John David Stone scripsit:

>         I wonder whether one of the reasons that Scheme standards have
> avoided requiring an arity procedure is that the most natural design for it
> in classical Scheme would involve returning multiple values -- a natural
> number indicating the minimum number of arguments and a Boolean indicating
> whether the arity is variable.

Perhaps.  I think it has more to do with the idea that procedures are
opaque objects allowing only one operation, invocation, and that how
they represent things is private to themselves.  As Steele says in the
Rabbit paper:

        It would certainly be possible to define other operations
        on functions, such as determining the numbers of arguments
        required, or the types of arguments and returned value, etc.
        (Indeed, after the dissertation was written, it was decided to
        include such an operator PROCP in [Revised Report].  The point
        is that functions need not conform to a specific representation
        such as S-expressions.  At a low level, it may be useful to
        think of invocation as a generic operator which dispatches on
        the particular representation and invokes the function in an
        appropriate manner.  Similarly, a debugging package might need
        to be able to distinguish the various representations.  At the
        user level, however, it is perhaps best to hide this issue,
        and answer a type inquiry with merely "function".

IIRC, a Rabbit-enhanced Maclisp Scheme interpreter had something like
five different representation for closures, all of them S-expressions
whose car was an atom naming a Greek letter.

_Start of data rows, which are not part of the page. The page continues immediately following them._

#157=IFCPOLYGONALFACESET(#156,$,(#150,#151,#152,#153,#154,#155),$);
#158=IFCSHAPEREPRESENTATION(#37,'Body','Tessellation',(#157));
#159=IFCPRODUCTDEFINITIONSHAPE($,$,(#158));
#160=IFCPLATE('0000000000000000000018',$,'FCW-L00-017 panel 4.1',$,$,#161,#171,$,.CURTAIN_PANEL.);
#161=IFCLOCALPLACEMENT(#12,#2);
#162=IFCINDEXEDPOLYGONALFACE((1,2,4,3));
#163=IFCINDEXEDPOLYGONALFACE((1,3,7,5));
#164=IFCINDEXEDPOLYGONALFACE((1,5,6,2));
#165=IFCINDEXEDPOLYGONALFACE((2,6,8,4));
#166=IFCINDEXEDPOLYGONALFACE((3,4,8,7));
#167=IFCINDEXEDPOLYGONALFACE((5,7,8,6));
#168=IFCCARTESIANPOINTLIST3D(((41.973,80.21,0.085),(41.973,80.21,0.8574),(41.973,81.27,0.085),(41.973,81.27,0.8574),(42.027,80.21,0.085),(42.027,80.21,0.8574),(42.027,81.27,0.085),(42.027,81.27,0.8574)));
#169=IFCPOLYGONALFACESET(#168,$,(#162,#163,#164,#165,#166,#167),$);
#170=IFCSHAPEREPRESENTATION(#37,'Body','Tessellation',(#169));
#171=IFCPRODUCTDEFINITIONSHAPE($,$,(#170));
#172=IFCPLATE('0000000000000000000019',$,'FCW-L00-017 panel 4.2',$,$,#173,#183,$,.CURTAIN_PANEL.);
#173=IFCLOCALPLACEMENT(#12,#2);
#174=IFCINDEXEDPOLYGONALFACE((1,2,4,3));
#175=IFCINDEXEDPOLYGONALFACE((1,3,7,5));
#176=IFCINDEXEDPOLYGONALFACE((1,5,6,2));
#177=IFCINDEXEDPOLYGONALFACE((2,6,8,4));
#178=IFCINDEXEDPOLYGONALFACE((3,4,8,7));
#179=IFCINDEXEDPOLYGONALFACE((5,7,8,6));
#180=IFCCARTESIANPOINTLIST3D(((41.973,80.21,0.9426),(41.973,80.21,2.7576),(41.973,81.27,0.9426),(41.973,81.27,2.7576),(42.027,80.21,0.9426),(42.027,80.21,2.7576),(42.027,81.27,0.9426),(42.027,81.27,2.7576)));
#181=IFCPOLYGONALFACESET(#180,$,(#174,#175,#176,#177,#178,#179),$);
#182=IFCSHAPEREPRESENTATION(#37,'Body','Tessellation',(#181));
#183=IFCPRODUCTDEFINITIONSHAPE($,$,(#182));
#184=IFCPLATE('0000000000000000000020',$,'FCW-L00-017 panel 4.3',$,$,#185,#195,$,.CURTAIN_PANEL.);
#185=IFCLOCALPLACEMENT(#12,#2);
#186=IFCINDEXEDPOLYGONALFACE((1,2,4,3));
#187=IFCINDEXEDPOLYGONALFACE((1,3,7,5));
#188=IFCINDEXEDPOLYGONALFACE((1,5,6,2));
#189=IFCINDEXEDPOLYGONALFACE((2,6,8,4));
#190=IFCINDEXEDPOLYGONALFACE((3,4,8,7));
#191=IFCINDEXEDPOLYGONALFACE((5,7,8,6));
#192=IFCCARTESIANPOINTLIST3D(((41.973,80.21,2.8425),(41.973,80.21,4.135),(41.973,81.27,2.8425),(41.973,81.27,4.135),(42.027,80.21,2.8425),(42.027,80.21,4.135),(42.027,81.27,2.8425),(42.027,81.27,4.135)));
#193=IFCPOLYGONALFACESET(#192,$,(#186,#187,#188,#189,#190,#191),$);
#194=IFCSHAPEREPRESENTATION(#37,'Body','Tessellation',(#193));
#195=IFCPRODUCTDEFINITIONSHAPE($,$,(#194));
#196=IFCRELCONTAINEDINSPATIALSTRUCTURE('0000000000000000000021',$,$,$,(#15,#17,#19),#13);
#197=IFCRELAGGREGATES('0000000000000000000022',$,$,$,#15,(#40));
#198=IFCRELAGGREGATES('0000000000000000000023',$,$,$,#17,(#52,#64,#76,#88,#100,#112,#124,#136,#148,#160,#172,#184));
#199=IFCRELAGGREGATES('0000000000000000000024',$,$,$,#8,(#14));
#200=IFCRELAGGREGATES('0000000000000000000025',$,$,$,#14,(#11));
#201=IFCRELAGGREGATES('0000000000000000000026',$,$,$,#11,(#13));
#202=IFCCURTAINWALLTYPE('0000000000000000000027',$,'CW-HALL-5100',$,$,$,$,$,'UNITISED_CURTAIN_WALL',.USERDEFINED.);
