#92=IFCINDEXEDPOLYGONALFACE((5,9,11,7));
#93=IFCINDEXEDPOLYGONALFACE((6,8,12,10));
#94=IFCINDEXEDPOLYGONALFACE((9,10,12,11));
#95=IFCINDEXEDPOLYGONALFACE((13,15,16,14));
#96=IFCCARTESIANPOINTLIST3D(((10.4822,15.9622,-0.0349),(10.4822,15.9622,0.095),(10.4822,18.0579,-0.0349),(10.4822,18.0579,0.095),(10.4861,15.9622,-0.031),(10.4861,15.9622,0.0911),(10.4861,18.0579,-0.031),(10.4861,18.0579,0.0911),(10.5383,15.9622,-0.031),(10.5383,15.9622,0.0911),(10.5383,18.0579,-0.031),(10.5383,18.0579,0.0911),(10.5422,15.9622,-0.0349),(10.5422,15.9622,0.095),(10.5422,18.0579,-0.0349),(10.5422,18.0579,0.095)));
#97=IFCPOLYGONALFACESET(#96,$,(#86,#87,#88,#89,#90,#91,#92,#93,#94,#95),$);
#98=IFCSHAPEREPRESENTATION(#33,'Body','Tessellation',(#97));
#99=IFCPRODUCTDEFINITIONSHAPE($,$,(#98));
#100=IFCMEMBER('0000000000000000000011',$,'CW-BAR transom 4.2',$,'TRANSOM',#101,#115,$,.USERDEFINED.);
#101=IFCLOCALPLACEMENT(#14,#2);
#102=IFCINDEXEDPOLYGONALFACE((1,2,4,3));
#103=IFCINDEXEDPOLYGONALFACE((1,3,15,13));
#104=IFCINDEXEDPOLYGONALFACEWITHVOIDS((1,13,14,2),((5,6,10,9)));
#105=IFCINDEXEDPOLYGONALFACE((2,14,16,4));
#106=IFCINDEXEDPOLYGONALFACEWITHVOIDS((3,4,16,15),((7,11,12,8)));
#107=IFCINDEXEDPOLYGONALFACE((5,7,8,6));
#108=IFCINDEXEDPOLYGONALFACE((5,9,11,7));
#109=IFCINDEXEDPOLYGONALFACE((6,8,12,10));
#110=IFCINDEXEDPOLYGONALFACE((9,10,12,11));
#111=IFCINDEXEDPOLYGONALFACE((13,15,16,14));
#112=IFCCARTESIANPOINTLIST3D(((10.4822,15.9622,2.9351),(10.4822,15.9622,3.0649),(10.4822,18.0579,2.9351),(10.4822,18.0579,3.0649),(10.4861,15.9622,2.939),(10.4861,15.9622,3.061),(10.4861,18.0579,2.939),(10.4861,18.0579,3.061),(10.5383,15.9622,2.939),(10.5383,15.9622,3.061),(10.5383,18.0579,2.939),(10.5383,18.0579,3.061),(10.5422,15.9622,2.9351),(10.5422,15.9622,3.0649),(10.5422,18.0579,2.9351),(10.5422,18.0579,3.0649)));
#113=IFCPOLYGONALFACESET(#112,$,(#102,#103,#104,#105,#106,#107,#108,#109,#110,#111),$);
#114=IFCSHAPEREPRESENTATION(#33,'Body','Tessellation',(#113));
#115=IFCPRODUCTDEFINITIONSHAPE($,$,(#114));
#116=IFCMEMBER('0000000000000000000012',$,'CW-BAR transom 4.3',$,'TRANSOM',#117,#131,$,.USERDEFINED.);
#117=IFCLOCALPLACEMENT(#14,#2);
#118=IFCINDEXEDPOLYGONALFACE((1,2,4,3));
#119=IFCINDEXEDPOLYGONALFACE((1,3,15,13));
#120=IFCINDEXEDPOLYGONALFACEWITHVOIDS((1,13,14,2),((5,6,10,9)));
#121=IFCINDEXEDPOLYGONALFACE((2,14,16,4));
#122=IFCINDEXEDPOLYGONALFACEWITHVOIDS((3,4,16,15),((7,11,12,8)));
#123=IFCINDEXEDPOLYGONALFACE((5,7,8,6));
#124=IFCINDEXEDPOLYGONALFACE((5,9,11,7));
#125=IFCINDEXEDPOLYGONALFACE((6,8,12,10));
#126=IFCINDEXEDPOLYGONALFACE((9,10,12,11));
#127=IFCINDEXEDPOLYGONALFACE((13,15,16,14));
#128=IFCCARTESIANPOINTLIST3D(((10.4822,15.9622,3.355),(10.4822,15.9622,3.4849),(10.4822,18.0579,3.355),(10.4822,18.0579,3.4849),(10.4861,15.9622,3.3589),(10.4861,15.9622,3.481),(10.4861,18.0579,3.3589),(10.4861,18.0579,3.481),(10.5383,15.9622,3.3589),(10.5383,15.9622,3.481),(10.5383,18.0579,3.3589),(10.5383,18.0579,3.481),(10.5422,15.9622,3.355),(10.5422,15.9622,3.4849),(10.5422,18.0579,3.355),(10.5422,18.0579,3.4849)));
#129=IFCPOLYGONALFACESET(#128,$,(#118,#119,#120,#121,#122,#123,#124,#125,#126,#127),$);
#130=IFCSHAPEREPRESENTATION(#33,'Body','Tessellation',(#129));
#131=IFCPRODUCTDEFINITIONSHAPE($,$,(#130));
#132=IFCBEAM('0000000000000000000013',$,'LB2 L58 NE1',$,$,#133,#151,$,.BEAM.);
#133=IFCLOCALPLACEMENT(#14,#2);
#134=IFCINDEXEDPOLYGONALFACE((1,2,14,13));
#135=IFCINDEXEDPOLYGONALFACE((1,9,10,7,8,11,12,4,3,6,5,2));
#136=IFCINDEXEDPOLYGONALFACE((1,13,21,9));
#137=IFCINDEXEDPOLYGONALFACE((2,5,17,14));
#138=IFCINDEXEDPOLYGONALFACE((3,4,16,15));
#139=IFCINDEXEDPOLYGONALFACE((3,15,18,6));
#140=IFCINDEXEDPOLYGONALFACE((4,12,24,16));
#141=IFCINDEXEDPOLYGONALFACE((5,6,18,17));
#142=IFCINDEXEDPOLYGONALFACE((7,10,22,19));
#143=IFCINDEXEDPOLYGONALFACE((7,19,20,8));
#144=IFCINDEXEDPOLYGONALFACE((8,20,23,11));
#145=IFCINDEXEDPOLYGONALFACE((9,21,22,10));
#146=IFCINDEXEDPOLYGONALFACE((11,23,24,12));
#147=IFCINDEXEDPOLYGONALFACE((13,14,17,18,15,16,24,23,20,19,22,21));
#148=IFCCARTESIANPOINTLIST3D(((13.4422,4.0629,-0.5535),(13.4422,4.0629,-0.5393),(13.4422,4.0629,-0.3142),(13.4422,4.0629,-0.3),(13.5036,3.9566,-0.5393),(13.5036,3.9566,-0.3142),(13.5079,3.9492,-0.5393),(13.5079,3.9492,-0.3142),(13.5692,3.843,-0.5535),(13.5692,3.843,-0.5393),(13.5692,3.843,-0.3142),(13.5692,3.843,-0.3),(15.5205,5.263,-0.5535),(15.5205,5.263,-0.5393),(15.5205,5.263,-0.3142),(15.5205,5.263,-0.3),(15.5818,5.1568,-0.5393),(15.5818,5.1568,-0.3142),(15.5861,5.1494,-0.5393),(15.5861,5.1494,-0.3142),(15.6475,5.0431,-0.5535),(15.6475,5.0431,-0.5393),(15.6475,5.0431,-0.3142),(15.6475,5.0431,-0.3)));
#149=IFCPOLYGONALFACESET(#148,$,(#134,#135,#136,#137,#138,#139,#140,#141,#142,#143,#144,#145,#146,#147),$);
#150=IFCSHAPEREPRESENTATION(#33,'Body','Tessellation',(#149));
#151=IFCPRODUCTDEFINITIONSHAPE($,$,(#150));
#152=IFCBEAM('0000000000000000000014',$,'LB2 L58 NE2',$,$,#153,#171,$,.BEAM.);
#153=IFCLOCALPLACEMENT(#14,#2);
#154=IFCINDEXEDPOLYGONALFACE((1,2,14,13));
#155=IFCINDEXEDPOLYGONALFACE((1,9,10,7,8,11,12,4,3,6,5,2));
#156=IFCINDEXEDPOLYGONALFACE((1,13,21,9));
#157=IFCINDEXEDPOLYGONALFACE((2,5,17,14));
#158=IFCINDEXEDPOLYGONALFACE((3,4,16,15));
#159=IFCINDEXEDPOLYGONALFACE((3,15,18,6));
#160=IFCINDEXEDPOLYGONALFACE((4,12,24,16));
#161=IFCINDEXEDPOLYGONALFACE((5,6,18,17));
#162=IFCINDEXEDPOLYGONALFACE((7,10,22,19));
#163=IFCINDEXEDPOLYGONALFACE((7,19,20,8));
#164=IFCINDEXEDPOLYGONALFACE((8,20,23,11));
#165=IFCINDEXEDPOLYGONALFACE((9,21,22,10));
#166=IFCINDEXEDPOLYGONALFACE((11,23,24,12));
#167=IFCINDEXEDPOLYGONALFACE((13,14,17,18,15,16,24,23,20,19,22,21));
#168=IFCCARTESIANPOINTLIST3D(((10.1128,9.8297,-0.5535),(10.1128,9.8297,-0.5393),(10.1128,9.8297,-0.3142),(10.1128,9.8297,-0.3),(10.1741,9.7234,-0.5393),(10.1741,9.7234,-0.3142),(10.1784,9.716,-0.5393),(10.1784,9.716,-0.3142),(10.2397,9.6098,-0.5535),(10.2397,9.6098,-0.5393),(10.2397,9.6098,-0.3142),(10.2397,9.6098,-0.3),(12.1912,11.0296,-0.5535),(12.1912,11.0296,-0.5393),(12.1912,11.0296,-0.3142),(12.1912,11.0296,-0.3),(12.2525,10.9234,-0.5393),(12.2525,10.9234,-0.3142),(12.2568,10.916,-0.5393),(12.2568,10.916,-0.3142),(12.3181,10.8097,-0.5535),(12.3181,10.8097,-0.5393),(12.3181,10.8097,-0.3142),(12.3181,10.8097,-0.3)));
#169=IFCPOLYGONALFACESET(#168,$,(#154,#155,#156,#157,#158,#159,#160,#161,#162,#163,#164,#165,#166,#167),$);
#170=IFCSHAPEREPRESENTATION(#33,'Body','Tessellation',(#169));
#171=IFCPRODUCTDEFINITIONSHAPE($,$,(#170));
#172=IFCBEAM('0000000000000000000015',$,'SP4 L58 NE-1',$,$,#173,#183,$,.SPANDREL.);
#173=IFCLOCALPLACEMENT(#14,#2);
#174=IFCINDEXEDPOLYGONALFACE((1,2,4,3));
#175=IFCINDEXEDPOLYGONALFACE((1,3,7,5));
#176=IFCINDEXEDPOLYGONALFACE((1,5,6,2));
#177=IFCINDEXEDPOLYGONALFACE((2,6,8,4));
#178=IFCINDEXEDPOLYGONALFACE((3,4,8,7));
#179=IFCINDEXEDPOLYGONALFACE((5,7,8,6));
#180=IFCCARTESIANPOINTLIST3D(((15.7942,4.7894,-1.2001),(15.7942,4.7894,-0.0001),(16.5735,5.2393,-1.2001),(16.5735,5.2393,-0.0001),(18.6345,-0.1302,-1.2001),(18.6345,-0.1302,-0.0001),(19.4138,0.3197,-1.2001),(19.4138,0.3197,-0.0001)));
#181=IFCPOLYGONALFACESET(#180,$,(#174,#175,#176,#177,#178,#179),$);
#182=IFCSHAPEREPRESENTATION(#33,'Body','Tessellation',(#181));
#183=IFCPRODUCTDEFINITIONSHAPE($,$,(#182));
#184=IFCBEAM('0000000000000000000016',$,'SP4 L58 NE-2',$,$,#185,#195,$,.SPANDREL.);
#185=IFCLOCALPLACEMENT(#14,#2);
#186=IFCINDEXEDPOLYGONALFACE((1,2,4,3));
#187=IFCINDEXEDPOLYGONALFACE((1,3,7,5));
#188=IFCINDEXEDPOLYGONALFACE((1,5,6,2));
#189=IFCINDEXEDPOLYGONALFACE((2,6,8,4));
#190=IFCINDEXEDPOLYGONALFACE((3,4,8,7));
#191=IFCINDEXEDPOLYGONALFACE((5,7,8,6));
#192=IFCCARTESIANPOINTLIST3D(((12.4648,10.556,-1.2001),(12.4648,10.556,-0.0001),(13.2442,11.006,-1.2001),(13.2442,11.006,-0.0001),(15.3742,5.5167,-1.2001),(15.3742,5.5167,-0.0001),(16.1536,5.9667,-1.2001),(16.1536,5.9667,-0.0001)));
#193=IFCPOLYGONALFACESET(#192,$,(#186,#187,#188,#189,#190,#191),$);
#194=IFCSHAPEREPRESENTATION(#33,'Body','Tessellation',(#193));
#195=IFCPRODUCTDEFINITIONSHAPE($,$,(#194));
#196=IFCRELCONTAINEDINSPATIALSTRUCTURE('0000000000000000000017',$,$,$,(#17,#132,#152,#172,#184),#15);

[OT personal note:  When typing the above in from the scanned PDF,
and switching between windows every phrase or so to see what came next
(I'm using a small screen today), I realized how much my own style
of technical prose has been influenced by reading CLtL1 and this paper
almost 25 years ago.  Every time I guessed what precise words were coming
next before switching windows to check the PDF, I guessed correctly,
as if the words were coming from my own brain rather than Steele's.
I find that rather remarkable.]

-- 
It was impossible to inveigle           John Cowan <[email protected]>
Georg Wilhelm Friedrich Hegel           http://www.ccil.org/~cowan
Into offering the slightest apology
For his Phenomenology.                      --W. H. Auden, from "People" (1953)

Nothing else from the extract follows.